Figure 10 shows the inversion results (subset of the ‘acceptable’ V_S profiles) for the OGIM site by using a 3-layers-over-half-space parametrization. To visualize the robustness of these results, the forward-modeled dispersion curves were compared to the measured dispersion curves (i.e., Rayleigh and Love, fundamental and first higher modes). For the OGIM site, the most consistent results were obtained by attributing the fundamental mode (R0) to the Rayleigh dispersion curve, while the first higher mode was chosen for the Love dispersion curve (L1). Figure 11 shows the V_S profiles derived for all of the 30 stations (here, for each station, only the 33 selected V_S profiles are represented, together with the envelope of all ‘acceptable’ Vs profiles).

Fig. 10

Inversion results for the OGIM station survey for one given parametrization. Left set of statistically acceptable V_S profiles explaining the observed dispersion data within their uncertainty bounds. Center and right theoretical dispersion curves inferred from the full inverted profile set for Rayleigh phase (center) and Love phase (right), compared to the measured dispersion curves and estimated standard deviation

Fig. 11

‘Acceptable’ V_s profiles (blue lines) obtained by inversion for the 30 sites that led to successful processing.

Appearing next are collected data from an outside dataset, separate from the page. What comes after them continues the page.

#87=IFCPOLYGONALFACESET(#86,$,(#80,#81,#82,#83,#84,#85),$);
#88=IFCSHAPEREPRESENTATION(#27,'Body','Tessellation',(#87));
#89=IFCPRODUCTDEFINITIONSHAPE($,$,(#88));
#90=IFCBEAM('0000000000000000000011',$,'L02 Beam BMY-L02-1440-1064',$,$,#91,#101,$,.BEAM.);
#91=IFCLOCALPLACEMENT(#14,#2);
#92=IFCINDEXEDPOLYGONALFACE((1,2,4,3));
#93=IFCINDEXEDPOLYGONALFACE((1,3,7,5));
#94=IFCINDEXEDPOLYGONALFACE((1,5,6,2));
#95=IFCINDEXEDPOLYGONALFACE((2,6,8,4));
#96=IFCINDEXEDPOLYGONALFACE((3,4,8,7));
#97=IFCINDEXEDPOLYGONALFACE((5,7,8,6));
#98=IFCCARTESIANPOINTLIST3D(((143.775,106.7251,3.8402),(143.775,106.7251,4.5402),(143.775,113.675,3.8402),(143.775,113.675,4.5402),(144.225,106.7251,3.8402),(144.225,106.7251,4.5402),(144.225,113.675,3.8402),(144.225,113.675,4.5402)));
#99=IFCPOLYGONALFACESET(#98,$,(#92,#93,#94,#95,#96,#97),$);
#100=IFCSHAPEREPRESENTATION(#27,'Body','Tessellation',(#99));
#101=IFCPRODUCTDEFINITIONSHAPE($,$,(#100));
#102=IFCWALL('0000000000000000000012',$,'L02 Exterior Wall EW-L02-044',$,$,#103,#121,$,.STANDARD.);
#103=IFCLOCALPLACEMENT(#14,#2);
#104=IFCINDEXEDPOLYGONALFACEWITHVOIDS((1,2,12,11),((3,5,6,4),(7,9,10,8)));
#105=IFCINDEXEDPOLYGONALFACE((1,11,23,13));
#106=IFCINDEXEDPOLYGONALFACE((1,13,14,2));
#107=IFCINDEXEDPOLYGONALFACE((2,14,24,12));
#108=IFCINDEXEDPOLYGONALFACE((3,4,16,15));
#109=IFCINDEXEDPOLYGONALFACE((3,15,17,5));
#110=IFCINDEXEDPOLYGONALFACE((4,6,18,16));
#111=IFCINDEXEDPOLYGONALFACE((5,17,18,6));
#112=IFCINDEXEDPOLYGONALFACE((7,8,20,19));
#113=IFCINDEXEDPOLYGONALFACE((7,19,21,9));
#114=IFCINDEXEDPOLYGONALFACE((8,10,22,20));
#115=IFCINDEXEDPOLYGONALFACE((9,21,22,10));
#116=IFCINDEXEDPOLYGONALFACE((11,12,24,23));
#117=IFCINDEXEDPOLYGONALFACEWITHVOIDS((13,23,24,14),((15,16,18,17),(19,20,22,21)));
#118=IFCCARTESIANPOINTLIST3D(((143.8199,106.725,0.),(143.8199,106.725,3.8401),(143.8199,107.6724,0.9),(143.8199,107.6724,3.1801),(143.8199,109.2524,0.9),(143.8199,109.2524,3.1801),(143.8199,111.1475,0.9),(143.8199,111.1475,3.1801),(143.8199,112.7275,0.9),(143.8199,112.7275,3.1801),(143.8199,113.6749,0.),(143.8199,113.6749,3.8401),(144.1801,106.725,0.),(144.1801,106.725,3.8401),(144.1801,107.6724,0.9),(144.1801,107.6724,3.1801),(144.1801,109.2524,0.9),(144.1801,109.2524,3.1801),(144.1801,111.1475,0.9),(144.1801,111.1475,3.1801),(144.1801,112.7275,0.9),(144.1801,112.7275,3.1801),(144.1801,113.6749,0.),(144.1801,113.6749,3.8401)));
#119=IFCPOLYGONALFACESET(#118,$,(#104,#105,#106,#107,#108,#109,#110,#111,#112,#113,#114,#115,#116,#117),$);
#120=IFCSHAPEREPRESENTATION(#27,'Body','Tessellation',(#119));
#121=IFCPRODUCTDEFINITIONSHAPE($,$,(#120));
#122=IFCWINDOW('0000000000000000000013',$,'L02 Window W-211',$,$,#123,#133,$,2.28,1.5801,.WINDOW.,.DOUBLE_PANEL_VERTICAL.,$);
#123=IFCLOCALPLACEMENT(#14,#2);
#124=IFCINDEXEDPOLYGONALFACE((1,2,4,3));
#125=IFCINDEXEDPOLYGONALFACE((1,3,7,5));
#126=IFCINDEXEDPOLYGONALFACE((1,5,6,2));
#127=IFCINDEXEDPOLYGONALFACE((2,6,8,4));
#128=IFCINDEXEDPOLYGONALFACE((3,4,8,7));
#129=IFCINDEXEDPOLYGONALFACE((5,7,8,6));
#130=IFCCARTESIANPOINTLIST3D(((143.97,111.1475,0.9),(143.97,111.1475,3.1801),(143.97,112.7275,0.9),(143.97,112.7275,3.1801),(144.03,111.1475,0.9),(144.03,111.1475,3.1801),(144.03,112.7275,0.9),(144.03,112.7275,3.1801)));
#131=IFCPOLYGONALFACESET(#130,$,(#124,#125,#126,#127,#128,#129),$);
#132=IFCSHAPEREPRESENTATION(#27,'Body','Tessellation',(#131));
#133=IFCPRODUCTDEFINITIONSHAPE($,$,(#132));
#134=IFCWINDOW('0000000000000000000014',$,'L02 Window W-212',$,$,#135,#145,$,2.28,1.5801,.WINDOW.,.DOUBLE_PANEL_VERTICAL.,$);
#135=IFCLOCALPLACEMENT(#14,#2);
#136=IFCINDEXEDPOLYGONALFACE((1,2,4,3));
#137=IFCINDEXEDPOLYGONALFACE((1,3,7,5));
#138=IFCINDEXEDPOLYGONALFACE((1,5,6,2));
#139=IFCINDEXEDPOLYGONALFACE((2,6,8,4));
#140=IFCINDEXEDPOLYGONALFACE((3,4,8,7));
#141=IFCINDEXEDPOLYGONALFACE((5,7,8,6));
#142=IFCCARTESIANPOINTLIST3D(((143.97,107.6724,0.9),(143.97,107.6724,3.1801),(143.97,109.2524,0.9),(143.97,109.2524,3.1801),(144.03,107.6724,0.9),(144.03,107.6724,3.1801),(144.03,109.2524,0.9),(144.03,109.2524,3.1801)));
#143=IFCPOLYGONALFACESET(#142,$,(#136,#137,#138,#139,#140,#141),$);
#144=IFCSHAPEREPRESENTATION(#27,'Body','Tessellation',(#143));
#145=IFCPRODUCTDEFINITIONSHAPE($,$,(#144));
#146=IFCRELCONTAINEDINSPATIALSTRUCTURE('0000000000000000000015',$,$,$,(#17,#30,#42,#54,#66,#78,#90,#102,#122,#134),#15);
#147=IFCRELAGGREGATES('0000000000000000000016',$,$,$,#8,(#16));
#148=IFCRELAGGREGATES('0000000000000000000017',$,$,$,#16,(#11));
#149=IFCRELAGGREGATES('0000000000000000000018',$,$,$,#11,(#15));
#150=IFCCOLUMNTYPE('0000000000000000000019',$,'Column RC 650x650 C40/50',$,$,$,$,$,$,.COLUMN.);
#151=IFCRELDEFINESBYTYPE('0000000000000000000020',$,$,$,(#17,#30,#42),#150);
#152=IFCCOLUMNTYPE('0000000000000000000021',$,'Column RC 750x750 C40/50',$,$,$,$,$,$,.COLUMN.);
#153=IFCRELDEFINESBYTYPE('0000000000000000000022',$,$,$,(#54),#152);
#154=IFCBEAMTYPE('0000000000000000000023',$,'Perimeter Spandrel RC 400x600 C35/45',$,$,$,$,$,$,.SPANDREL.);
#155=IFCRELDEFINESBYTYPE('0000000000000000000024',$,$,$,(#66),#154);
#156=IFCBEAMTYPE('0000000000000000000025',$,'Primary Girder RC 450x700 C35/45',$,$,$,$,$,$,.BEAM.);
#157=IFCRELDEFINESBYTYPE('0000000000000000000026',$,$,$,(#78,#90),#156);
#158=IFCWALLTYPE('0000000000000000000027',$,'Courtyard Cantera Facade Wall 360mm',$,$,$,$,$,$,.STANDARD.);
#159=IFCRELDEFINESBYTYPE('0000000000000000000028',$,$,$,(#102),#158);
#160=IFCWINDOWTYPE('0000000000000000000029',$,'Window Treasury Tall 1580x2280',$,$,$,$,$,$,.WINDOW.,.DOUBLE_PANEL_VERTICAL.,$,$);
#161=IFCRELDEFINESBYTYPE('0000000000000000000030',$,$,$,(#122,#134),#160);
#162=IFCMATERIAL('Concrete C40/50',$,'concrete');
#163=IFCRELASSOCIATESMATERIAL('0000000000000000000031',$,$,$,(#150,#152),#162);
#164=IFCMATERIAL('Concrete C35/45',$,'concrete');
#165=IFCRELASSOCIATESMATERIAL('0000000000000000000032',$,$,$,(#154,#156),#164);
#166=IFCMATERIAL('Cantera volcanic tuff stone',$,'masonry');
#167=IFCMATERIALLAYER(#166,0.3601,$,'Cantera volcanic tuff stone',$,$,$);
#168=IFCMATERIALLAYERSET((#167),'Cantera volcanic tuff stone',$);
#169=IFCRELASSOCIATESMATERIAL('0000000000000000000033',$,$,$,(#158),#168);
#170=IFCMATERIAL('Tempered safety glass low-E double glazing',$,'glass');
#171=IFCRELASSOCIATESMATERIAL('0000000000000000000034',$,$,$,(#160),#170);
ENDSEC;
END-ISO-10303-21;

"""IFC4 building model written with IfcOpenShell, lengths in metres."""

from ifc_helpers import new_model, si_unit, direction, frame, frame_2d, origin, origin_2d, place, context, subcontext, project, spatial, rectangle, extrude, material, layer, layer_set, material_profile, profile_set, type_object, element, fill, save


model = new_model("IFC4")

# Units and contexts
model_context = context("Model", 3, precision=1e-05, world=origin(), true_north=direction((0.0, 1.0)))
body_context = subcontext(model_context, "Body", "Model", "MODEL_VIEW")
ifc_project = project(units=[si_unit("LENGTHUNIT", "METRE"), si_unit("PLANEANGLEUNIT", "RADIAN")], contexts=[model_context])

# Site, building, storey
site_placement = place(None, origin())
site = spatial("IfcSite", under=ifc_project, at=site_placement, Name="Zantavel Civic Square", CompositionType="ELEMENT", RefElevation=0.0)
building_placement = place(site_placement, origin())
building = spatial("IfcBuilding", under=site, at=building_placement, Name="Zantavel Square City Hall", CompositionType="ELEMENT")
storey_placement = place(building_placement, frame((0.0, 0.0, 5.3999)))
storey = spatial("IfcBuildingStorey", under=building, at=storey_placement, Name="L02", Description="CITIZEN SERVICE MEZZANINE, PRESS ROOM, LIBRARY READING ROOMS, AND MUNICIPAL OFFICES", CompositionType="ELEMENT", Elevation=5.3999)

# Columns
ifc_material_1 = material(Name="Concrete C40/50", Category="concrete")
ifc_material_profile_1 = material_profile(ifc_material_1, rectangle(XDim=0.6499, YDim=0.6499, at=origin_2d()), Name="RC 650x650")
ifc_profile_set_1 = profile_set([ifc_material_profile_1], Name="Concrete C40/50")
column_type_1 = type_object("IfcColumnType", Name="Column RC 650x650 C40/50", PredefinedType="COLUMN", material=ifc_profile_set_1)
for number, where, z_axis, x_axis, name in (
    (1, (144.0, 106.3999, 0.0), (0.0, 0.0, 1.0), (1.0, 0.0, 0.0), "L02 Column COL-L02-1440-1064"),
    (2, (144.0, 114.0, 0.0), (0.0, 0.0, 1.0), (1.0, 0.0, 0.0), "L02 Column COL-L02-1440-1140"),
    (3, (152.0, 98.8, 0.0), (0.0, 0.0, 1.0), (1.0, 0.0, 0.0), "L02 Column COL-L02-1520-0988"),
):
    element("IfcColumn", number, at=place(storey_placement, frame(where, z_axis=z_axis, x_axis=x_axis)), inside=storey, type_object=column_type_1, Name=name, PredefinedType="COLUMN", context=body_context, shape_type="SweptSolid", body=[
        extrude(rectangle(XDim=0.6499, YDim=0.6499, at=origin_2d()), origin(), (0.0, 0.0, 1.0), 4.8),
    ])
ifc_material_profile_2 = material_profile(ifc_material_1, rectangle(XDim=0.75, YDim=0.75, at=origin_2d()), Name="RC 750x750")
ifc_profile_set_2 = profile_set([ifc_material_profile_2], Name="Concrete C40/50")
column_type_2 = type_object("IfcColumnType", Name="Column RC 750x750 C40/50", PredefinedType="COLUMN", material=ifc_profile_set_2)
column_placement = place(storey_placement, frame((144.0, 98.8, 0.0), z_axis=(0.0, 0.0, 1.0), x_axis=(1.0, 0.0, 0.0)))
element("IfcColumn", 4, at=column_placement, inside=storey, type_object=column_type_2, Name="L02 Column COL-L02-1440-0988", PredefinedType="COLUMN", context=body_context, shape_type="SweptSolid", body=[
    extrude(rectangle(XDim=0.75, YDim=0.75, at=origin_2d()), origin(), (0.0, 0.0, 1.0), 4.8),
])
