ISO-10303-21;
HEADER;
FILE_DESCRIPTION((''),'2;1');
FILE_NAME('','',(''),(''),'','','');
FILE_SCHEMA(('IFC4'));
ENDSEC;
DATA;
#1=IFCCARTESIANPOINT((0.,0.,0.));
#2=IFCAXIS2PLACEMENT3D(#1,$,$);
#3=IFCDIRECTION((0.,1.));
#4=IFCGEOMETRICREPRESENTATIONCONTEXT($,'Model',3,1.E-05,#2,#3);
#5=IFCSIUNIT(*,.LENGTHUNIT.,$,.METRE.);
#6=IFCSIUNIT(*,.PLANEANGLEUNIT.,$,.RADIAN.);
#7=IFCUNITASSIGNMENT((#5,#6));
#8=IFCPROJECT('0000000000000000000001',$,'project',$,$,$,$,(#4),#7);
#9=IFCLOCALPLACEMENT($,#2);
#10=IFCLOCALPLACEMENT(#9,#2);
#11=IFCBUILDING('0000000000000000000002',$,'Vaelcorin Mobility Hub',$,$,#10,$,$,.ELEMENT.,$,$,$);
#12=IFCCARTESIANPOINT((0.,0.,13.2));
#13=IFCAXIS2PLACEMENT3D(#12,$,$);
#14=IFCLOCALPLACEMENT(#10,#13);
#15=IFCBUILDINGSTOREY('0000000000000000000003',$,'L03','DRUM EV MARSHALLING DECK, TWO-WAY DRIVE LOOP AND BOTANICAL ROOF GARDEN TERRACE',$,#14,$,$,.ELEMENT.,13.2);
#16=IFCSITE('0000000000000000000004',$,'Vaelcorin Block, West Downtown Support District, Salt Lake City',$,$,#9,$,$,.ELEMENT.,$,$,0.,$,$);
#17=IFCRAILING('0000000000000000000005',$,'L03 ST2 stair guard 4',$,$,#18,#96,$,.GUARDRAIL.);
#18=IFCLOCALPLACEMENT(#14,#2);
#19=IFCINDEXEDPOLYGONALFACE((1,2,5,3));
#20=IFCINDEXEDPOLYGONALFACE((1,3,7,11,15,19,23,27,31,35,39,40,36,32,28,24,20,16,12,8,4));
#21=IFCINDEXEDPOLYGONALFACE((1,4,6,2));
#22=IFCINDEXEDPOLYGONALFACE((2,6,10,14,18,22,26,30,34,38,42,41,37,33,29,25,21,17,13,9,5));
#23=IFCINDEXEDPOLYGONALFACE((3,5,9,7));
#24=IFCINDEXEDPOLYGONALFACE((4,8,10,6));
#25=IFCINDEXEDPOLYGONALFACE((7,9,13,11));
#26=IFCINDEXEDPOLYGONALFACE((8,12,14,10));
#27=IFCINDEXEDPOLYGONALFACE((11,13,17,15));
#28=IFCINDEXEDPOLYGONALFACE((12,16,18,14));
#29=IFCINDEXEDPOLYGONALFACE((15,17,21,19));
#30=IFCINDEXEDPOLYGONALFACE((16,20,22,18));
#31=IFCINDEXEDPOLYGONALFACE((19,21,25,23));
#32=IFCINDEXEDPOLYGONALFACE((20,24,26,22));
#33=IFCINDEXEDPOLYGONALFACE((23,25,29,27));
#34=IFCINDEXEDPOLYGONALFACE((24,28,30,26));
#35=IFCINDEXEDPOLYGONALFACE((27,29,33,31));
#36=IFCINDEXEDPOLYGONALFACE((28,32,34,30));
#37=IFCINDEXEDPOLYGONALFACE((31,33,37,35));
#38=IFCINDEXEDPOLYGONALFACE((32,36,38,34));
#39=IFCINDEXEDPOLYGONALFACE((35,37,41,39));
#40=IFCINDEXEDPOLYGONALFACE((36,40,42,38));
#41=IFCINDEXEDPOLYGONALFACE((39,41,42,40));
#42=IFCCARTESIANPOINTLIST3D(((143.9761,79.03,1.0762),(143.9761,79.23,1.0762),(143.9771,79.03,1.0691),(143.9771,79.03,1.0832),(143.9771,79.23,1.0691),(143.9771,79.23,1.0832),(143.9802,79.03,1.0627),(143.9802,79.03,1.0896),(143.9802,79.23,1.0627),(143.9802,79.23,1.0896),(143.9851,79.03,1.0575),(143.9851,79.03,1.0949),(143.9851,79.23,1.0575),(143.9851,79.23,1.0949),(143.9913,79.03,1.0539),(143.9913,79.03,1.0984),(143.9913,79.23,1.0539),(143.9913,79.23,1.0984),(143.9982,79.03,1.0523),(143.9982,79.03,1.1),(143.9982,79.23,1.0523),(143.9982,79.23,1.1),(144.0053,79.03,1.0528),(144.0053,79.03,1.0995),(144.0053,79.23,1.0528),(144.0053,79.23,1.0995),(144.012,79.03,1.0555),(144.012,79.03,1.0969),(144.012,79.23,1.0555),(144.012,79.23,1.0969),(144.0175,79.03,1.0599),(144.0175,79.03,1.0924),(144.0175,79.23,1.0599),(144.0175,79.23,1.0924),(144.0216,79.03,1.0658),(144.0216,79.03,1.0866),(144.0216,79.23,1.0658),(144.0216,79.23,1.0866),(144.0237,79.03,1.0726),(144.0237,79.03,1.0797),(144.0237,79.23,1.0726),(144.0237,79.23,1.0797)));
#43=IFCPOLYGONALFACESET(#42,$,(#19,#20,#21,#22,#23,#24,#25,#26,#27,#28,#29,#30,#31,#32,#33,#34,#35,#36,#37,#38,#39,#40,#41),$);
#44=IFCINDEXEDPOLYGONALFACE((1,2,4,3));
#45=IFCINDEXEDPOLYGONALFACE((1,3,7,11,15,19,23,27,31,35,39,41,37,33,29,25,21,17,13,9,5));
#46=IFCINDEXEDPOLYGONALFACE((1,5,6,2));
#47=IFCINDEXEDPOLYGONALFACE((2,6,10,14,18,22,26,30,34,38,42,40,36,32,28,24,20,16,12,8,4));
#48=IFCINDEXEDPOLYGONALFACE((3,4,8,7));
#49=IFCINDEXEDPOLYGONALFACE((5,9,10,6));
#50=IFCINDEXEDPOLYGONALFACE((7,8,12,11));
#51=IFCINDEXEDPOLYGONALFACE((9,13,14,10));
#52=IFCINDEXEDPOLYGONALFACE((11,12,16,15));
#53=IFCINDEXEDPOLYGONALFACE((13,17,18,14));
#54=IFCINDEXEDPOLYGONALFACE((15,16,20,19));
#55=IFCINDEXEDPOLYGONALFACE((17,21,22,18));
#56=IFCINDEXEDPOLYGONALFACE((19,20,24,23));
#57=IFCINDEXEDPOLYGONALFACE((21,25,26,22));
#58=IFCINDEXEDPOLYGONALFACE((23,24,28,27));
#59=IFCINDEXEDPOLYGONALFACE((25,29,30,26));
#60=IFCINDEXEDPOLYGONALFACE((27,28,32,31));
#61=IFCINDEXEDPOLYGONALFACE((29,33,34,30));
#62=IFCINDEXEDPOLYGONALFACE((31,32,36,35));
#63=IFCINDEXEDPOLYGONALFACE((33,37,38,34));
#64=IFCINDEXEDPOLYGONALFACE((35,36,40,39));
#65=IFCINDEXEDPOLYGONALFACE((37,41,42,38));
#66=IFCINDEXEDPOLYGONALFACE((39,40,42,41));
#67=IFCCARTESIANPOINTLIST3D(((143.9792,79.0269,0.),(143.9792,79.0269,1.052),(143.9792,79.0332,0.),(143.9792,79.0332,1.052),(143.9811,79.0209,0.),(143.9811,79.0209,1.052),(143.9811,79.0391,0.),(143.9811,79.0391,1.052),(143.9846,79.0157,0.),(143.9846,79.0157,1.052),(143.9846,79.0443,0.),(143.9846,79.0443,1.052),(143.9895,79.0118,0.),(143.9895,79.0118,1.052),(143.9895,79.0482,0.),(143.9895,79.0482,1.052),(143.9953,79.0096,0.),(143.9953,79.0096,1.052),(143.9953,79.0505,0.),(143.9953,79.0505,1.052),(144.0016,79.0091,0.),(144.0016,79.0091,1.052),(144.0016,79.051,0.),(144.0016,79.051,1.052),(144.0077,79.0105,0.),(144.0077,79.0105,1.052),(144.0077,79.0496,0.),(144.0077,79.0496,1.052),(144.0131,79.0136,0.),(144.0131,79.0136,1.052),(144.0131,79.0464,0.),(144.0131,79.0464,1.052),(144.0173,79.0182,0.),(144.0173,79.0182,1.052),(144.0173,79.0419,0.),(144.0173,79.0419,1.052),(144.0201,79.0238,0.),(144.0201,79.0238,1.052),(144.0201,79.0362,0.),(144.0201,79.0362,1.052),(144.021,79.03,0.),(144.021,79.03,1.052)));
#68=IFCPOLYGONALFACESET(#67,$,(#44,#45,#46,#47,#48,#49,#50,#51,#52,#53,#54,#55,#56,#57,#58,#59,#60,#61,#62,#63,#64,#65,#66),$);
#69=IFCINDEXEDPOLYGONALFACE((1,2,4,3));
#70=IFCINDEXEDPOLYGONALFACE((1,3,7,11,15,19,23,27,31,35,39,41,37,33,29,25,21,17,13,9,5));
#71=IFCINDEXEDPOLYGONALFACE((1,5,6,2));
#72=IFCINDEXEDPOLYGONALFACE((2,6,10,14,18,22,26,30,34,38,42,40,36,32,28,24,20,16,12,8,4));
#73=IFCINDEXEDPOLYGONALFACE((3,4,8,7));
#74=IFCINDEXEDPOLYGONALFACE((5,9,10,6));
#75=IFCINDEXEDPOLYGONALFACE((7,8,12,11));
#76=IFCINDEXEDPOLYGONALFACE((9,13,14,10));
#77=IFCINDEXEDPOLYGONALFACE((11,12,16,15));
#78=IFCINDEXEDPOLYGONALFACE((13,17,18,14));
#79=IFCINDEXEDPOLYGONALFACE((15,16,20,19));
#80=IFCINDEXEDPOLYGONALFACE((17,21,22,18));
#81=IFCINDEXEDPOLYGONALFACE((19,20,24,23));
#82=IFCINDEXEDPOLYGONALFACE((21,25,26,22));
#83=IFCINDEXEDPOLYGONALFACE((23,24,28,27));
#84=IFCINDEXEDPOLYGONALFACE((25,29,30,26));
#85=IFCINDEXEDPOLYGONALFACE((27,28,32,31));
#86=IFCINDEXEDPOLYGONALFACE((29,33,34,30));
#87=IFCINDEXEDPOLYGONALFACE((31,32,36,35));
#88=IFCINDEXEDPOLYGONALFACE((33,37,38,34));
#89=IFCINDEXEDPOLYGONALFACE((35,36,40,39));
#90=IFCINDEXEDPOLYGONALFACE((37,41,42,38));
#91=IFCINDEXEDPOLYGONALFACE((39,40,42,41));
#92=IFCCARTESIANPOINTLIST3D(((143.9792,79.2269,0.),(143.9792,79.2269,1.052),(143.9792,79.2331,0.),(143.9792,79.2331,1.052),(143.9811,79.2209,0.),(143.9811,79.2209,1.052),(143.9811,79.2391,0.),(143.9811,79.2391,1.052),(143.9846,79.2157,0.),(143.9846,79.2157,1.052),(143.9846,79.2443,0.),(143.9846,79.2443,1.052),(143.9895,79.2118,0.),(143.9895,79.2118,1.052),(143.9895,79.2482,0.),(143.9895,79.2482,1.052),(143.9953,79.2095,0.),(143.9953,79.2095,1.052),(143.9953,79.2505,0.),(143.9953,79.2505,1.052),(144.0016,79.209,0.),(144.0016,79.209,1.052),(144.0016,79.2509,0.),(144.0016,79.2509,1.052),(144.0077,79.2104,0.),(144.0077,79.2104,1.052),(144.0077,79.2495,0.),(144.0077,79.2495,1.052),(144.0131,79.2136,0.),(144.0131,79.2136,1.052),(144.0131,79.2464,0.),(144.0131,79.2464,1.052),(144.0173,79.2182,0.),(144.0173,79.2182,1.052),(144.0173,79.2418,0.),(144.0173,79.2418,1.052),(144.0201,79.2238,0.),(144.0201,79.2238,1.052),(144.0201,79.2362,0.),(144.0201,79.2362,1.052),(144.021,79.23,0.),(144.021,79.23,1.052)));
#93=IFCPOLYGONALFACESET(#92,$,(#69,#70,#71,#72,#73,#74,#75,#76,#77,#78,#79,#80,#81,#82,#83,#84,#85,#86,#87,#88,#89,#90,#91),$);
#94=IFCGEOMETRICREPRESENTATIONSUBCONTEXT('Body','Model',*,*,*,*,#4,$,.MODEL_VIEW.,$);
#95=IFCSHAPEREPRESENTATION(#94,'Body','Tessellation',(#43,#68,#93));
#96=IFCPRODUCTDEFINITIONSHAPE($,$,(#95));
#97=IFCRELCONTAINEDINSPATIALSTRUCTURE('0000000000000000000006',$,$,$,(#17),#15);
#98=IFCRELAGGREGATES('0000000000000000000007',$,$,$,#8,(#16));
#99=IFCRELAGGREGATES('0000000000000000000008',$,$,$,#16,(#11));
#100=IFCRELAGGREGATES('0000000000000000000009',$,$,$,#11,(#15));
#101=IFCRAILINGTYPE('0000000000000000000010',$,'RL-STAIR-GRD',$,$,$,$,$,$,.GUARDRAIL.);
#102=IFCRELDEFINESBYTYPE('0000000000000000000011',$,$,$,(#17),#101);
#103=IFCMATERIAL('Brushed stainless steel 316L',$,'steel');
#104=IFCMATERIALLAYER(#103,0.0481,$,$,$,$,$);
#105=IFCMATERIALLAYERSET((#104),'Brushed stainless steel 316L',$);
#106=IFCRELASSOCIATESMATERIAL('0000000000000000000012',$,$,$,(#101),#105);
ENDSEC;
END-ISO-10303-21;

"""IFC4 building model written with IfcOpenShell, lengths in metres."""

from ifc_helpers import new_model, si_unit, direction, frame, origin, origin_2d, place, context, subcontext, project, spatial, circle, extrude, material, layer, layer_set, type_object, element, save


model = new_model("IFC4")

# Units and contexts
model_context = context("Model", 3, precision=1e-05, world=origin(), true_north=direction((0.0, 1.0)))
body_context = subcontext(model_context, "Body", "Model", "MODEL_VIEW")
ifc_project = project(units=[si_unit("LENGTHUNIT", "METRE"), si_unit("PLANEANGLEUNIT", "RADIAN")], contexts=[model_context])

# Site, building, storey
site_placement = place(None, origin())
site = spatial("IfcSite", under=ifc_project, at=site_placement, Name="Vaelcorin Block, West Downtown Support District, Salt Lake City", CompositionType="ELEMENT", RefElevation=0.0)
building_placement = place(site_placement, origin())
building = spatial("IfcBuilding", under=site, at=building_placement, Name="Vaelcorin Mobility Hub", CompositionType="ELEMENT")
storey_placement = place(building_placement, frame((0.0, 0.0, 13.2)))
storey = spatial("IfcBuildingStorey", under=building, at=storey_placement, Name="L03", Description="DRUM EV MARSHALLING DECK, TWO-WAY DRIVE LOOP AND BOTANICAL ROOF GARDEN TERRACE", CompositionType="ELEMENT", Elevation=13.2)

# Railing
ifc_material_1 = material(Name="Brushed stainless steel 316L", Category="steel")
ifc_layer_1 = layer(ifc_material_1, 0.0481)
ifc_layer_set_1 = layer_set([ifc_layer_1], Name="Brushed stainless steel 316L")
railing_type_1 = type_object("IfcRailingType", Name="RL-STAIR-GRD", PredefinedType="GUARDRAIL", material=ifc_layer_set_1)
railing_1_placement = place(storey_placement, frame((144.0, 79.03, 0.0)))
element("IfcRailing", 1, at=railing_1_placement, inside=storey, type_object=railing_type_1, Name="L03 ST2 stair guard 4", PredefinedType="GUARDRAIL", context=body_context, shape_type="SweptSolid", body=[
    extrude(circle(Radius=0.0239, at=origin_2d()), frame((0.0, 0.0, 1.0762), z_axis=(0.0, 1.0, 0.0), x_axis=(-1.0, 0.0, 0.0)), (0.0, 0.0, 1.0), 0.2),
    extrude(circle(Radius=0.021, at=origin_2d()), origin(), (0.0, 0.0, 1.0), 1.052),
    extrude(circle(Radius=0.021, at=origin_2d()), frame((0.0, 0.2, 0.0)), (0.0, 0.0, 1.0), 1.052),
])

save(model, "model.ifc")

For each site, a set of 33 profiles are shown, randomly chosen to explore the uncertainty within the full set of ‘acceptable’ profiles. Red lines show the envelopes of all computed ‘acceptable’ profiles. All frames have the same scale, but note the unusual log-scale on the depth axis, used here to show all of the stations results in the same way

The derived V_S profiles have to be considered as profiles that satisfyingly explain the experimental dispersion curves(s). The V_S profiles do not necessary reflect the exact lithological layering. For example, the most general ‘staircase shape’ of the ground profiles may reflect the way the inversion accommodated a ‘gradient-like’ real V_S profile (i.e., continuous increase in V_S with depth).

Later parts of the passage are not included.